I like the fact that I can now reproduce any Microsoft content without paying for it. Cheers!
Incidentally, some AI chatbots do link to their sources. And it is a good idea to make that an explicit prompt if you're using one that doesn't. It's also worth prompting for how recent their information is.
I would argue that if I ask ChatGPT something, it doesnt "reproduce" what was written on certain website (or at least it shouldn', without attribution). It takes what it scrapped before and re-tell it in its own words. That isn't reproducing, looks like a grey area not yet addressed in copyright laws.
I would partially agree with the guy, that yes, that was a social contract since 90's, but before the AI era. Back then this use case wasn't anticipated.

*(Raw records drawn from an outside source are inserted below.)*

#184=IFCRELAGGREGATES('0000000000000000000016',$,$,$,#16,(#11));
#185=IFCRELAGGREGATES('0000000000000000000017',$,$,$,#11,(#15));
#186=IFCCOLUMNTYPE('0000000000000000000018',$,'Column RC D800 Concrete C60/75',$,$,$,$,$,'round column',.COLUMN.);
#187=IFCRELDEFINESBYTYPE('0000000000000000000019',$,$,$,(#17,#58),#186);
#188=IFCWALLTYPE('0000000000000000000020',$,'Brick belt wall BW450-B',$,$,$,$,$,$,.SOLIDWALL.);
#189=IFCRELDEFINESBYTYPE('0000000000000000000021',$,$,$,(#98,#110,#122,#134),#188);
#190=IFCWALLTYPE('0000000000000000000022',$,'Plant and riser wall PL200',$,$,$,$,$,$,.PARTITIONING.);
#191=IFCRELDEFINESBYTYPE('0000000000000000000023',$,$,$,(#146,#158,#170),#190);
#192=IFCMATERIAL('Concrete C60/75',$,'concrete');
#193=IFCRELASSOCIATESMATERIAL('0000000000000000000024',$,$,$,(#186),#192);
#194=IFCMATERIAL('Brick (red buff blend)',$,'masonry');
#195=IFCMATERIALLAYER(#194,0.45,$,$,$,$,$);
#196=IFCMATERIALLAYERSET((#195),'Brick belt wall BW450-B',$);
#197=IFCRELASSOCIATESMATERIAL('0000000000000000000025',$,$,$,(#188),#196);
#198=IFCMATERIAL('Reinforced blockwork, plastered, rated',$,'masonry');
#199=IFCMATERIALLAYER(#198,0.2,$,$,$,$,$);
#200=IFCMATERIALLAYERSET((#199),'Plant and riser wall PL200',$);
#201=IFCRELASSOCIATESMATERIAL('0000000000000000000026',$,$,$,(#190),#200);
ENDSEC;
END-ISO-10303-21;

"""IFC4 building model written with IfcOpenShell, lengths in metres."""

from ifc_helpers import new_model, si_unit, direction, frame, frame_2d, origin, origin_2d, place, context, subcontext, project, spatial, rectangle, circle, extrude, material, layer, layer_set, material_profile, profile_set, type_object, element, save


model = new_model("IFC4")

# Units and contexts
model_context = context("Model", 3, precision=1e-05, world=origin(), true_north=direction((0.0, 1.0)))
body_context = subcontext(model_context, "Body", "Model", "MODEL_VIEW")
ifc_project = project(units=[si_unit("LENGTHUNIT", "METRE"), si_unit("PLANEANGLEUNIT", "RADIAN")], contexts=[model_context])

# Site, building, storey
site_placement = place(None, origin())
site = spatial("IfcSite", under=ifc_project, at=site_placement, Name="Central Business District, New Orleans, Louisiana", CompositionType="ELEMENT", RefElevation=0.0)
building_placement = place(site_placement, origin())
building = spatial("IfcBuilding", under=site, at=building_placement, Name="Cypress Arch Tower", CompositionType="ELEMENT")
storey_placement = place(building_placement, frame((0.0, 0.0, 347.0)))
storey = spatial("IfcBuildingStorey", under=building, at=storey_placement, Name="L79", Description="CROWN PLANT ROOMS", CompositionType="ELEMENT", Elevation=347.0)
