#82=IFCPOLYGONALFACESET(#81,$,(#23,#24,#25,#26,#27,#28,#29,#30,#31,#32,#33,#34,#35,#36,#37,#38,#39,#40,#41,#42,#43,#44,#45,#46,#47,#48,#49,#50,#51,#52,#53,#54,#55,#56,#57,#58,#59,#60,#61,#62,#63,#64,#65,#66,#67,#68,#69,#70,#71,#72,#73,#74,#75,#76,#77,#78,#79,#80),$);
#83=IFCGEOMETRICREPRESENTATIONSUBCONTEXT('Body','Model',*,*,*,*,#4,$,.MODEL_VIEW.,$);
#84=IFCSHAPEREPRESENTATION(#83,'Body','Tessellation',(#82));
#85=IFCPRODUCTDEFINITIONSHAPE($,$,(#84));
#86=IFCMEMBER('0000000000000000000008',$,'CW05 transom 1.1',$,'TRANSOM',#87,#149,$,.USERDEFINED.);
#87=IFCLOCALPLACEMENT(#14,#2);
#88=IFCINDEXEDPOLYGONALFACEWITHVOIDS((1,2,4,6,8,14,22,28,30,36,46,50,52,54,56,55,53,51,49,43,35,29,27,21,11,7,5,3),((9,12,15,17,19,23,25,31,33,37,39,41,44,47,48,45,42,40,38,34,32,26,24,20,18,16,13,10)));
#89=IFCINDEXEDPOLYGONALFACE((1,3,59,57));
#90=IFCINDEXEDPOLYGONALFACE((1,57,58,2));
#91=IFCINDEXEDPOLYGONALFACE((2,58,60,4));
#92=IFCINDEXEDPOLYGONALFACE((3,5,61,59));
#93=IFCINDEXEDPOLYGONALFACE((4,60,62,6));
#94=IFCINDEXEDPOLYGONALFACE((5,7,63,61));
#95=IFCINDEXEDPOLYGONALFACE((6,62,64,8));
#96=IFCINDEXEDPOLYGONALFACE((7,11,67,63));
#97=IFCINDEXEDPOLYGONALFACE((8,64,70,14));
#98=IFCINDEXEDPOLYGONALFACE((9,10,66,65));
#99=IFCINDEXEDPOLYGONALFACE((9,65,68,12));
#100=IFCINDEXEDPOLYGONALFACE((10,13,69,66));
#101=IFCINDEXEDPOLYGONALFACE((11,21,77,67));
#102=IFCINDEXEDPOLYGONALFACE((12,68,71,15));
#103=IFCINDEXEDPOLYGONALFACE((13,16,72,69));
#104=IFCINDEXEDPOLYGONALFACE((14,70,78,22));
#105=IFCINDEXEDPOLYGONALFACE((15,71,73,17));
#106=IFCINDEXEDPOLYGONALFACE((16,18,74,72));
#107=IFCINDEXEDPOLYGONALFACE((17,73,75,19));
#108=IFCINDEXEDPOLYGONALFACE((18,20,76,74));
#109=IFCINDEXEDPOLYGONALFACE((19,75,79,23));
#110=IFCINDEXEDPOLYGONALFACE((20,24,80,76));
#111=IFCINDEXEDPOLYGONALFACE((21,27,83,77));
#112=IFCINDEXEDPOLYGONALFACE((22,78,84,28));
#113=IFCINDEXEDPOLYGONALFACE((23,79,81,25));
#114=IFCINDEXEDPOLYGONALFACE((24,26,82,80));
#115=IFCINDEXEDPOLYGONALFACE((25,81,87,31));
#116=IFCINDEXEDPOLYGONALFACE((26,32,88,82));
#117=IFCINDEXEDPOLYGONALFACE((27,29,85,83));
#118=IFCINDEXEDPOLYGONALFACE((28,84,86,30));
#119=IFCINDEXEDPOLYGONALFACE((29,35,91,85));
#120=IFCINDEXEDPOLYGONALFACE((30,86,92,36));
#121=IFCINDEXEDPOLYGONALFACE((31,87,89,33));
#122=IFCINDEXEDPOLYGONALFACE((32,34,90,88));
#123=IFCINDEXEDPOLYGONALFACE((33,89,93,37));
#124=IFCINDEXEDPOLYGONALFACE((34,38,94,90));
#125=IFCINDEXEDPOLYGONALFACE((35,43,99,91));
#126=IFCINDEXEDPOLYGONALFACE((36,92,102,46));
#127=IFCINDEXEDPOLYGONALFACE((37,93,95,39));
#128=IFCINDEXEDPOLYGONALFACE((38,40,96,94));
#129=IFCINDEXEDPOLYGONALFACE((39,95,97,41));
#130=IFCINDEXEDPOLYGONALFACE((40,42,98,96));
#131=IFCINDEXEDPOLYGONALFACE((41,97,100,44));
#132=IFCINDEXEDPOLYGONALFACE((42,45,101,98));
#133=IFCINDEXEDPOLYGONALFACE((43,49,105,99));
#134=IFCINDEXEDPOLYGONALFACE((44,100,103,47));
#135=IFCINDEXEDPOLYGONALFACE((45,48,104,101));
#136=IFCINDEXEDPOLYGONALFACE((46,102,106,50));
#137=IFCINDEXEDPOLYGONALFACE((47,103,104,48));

Imagine training a LLM vs a group of people from birth on wrong information. The LLM will unquestionably just repeat in "its own words" the wrong information, whereas the group of people will of course believe some of the wrong stuff, but they will also doubt a lot of it as well.
You could say that an LLM is just not good enough yet so the comparison isn't fair. In other words that people are just even more LLM'ing than the LLM, but there simply is no mechanism for an LLM to go from wrong information to right information.
People on the other hand will always doubt, hypothesize, and compare and contrast whatever information they have to at least attempt to form correct answers from correct information. This in a sense is because they actually have their own words.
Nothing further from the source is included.